Unless you require people walking into the registrars' officies for
every transaction, this is a fact of life.
Best,
Volker
>
> Broader issues exist than only privacy. The overemphasis on privacy by
> this group is beyond absurd
>
> On Wed, May 31, 2017 at 11:20 AM, Chris Pelling <chris at netearth.net
> <mailto:chris at netearth.net>> wrote:
>
> John,
>
> I refer you to my original email, the question was how could it be
> abused, I gave an answer, I did not expect hours or reading on
> that answer - but it was a fair answer, maybe an edge case, but
> still a correct answer.
>
> I have not said anything about privacy, all I said was this can
> gain you an email address by working the system.
>
> Similar someone (I think you Paul) said there is no correlation
> between IP address and getting personal data (something along that
> line) - thats wrong too, as the RIR's hold records, LIRs populate
> that date held by RIRs and depending on how and when this was
> updated, could provide personal information (more likely company /
> corporate info) because in the old days (talking 20 years ago now)
> records and even 30 years ago for ARIN personal information
> *could* have been used.
>
> For those who do not know how to lookup an IP: whois <ip> ie.
> jwhois 80.251.17.0
>
> For those who do not know the accronyms :
>
> RIR:
> Regional Internet Registries (*RIRs*) are nonprofit corporations
> that administer and register Internet Protocol (IP) address space
> and Autonomous System (AS) numbers within a defined region.

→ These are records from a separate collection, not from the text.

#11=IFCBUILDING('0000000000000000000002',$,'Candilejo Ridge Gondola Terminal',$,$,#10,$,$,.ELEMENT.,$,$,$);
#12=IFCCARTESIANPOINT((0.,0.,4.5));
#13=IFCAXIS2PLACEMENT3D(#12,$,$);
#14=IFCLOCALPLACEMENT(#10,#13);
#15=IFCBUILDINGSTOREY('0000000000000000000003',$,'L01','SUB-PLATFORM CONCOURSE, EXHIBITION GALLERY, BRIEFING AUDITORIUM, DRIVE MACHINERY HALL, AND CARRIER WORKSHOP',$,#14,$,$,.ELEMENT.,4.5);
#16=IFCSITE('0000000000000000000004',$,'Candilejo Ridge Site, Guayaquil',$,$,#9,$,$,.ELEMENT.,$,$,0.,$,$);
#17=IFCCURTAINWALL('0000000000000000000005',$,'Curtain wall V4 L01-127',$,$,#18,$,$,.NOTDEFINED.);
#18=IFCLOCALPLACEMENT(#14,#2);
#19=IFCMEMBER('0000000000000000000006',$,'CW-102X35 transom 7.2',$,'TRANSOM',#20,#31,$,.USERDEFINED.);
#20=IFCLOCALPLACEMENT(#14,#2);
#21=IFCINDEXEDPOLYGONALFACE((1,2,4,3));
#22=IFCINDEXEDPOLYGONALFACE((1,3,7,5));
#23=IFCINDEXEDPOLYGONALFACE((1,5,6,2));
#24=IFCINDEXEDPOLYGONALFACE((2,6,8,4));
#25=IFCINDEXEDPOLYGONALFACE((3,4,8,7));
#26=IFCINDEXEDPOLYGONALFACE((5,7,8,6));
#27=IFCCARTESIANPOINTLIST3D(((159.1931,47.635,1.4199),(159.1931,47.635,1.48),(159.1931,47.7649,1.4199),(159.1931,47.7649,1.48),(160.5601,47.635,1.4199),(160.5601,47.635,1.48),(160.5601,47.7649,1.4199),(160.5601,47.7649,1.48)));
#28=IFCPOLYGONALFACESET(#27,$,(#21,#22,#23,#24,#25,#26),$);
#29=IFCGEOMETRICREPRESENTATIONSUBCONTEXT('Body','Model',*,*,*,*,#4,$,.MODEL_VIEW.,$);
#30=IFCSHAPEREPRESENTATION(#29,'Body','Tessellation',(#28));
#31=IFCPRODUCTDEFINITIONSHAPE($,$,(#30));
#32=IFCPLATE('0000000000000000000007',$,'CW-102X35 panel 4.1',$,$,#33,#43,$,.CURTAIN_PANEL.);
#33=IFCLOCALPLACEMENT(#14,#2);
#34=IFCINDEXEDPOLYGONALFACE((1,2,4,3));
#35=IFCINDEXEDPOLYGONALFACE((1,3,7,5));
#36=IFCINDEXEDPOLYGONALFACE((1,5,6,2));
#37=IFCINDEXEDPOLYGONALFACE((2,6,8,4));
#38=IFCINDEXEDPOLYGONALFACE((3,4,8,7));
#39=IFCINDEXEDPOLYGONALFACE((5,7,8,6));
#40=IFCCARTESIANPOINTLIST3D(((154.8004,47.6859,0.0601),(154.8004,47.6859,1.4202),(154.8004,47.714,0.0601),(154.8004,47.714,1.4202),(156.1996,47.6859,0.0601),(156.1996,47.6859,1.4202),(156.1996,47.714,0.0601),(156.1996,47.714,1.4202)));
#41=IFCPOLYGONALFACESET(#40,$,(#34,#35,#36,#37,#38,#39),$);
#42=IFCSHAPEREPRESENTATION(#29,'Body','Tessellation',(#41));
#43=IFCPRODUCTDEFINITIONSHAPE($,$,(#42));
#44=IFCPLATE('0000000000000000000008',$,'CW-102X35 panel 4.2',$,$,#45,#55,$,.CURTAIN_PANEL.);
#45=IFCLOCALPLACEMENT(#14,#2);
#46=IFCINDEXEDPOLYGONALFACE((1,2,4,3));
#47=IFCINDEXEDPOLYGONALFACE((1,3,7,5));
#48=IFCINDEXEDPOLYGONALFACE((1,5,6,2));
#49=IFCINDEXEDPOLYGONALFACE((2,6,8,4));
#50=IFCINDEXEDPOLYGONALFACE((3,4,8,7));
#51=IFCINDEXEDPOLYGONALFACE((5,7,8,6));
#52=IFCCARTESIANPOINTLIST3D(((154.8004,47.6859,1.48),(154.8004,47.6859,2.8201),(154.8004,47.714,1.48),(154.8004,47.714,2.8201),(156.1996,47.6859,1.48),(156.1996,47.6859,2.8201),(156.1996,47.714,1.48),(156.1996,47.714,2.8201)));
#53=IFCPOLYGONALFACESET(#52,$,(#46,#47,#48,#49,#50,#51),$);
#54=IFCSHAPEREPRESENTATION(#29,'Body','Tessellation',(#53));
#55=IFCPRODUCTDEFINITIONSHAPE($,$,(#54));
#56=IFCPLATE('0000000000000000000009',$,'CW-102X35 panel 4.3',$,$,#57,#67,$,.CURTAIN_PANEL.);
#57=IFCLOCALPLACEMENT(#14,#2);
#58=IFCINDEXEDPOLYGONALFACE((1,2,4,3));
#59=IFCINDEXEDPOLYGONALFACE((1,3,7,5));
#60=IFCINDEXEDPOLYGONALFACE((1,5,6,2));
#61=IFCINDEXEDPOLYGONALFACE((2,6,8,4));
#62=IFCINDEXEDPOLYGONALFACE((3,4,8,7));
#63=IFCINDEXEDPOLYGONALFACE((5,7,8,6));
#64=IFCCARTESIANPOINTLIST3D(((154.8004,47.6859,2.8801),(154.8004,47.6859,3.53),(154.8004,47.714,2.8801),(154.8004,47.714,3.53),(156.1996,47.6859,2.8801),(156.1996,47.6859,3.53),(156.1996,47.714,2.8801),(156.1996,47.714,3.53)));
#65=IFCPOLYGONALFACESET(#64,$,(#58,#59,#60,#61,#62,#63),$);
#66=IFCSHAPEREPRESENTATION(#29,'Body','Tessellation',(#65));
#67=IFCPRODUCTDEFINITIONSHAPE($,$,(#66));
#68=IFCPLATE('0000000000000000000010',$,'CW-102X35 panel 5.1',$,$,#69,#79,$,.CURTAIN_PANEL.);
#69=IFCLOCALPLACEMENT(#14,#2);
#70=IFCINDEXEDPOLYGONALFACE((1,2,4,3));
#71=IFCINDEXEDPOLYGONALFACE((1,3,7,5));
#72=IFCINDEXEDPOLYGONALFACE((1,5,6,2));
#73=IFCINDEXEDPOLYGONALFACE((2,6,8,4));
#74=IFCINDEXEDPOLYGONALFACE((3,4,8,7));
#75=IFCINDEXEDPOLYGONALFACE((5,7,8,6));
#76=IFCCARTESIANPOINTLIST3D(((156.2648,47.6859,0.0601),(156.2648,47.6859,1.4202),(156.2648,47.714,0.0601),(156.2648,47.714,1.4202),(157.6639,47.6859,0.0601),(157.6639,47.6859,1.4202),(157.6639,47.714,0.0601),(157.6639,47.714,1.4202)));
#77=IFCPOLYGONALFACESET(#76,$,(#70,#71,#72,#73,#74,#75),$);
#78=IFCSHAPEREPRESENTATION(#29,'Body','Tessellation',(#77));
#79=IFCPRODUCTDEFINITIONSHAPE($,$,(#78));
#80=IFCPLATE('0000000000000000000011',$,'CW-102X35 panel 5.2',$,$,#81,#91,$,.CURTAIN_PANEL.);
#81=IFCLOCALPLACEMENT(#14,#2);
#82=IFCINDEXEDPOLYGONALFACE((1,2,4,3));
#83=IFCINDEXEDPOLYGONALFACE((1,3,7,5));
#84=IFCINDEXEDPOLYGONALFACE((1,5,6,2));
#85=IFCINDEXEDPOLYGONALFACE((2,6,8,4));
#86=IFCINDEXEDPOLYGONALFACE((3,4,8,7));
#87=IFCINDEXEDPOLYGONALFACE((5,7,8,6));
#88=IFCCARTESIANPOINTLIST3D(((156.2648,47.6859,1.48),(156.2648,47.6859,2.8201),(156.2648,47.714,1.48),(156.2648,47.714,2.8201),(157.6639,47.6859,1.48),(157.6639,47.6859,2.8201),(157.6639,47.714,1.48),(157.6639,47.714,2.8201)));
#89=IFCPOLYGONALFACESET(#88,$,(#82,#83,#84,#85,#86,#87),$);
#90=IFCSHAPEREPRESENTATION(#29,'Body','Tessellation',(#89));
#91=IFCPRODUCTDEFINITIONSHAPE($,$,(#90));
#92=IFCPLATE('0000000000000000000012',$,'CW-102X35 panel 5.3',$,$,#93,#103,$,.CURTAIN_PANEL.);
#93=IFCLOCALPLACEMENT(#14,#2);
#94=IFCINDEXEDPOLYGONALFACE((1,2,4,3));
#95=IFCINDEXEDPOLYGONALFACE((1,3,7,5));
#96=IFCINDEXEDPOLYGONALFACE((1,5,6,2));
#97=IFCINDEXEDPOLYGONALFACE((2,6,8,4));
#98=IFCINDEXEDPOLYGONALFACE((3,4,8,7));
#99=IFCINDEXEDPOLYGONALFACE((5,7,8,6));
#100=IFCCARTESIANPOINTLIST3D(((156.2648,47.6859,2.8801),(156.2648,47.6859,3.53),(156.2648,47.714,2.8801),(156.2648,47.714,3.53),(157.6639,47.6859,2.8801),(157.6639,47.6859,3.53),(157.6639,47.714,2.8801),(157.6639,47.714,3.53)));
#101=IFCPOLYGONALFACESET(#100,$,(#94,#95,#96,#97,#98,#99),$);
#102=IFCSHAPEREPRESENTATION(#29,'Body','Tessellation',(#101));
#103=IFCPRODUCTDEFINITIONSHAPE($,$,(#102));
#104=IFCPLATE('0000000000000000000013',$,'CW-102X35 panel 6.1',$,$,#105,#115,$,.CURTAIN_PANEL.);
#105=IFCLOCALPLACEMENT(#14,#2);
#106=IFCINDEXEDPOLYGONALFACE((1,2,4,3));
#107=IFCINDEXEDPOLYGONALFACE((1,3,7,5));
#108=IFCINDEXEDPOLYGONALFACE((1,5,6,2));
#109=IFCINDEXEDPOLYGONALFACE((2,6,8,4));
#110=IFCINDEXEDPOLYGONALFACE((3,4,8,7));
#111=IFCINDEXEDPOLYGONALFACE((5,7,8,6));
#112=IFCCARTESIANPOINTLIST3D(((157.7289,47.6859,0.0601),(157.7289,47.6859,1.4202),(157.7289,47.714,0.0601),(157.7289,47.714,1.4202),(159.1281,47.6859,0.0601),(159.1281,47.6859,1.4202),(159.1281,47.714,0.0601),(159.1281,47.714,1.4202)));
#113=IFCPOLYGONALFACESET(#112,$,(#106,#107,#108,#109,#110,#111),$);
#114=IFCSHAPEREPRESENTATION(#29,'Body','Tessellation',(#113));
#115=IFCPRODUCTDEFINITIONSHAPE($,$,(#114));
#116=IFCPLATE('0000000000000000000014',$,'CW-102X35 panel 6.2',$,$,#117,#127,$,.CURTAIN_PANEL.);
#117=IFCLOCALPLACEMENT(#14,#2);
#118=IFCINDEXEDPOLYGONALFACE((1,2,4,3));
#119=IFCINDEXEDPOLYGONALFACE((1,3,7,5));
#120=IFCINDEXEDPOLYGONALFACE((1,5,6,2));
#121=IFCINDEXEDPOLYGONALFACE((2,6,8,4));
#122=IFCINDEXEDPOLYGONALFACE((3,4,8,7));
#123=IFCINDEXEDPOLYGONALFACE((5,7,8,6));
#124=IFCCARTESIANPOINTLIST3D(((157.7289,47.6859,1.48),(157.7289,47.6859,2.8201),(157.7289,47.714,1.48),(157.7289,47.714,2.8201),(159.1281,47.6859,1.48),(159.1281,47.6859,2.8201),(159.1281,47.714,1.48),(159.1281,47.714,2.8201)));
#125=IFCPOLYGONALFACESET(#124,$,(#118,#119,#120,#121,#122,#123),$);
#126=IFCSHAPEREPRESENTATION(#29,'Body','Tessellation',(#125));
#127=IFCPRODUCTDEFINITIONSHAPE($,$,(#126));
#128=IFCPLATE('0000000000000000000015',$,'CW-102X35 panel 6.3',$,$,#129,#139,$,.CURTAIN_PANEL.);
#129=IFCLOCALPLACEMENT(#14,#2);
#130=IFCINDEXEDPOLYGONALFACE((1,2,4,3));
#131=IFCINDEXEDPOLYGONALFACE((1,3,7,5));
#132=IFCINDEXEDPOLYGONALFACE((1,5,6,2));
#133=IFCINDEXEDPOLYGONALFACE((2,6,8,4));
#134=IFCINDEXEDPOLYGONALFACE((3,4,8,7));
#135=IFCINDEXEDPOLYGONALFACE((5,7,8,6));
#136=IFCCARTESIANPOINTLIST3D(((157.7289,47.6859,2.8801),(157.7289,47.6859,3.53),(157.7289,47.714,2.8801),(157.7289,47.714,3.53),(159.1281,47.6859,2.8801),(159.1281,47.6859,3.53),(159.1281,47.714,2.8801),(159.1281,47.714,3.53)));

> *RIRs*also work together on joint projects.
>
> LIR:
> A *local Internet registry*(*LIR*) is an organization that has
> been allocated a block of IP addresses by a *regional Internet
> registry*(RIR), and that assigns most parts of this block to its
> own customers.
>
> ARIN:
> The American Registry for Internet Numbers is the Regional
> Internet Registry for Canada, the United States, and many
> Caribbean and North Atlantic islands. (first RIR if memory serves)
>
> Kind regards,
>
> Chris
>
> ------------------------------------------------------------------------
> *From: *"John Bambenek" <jcb at bambenekconsulting.com
> <mailto:jcb at bambenekconsulting.com>>
> *To: *"Chris Pelling" <chris at netearth.net <mailto:chris at netearth.net>>
> *Cc: *"Paul Keating" <paul at law.es <mailto:paul at law.es>>,
> "gnso-rds-pdp-wg" <gnso-rds-pdp-wg at icann.org
> <mailto:gnso-rds-pdp-wg at icann.org>>
> *Sent: *Wednesday, 31 May, 2017 15:50:25
> *Subject: *Re: [gnso-rds-pdp-wg] Principle on Proportionality for
> "Thin Data"access
>
> It is still stored by the provider in a service operated by the
> provider and edited with an interface created by the provider
> using whatever business logic or validation that is written by the
> provider. Fine, control is not the precise word.
>
> All that being said, if SOA is ok even when editable only by an
> interface by the provider then so is all WHOIS data which is
> entered by the consumer. It really is either/or here. You can't
> on one hand say there are no privacy implications of SOA and then
> turn around when you have an almost identical set of facts and cry
> privacy foul over whois.
>
> j
>
> On 5/31/2017 9:46 AM, Chris Pelling wrote:
>
> John,
>
> You are entirely wrong in your statement : Point in fact, for
> consumers, SOA is NOT under control of the consumer.
>
> Yet many of the largest and paid service allow you to edit
> just that record as the consumer.
>
> Kind regards,
>
> Chris
>
> ------------------------------------------------------------------------
> *From: *"gnso-rds-pdp-wg" <gnso-rds-pdp-wg at icann.org>
> <mailto:gnso-rds-pdp-wg at icann.org>
> *To: *"Paul Keating" <paul at law.es> <mailto:paul at law.es>
> *Cc: *"gnso-rds-pdp-wg" <gnso-rds-pdp-wg at icann.org>
> <mailto:gnso-rds-pdp-wg at icann.org>
> *Sent: *Wednesday, 31 May, 2017 15:14:53
> *Subject: *Re: [gnso-rds-pdp-wg] Principle
> on Proportionality for "Thin Data"access
>
> Point in fact, for consumers, SOA is NOT under control of the
> consumer. I would bet a very rare set of consumers who own
> domains actually run their own DNS servers. They are either
> using the registrar or their hosting provider.
>
> Sure they put in the data. But that is also true of whois/rds.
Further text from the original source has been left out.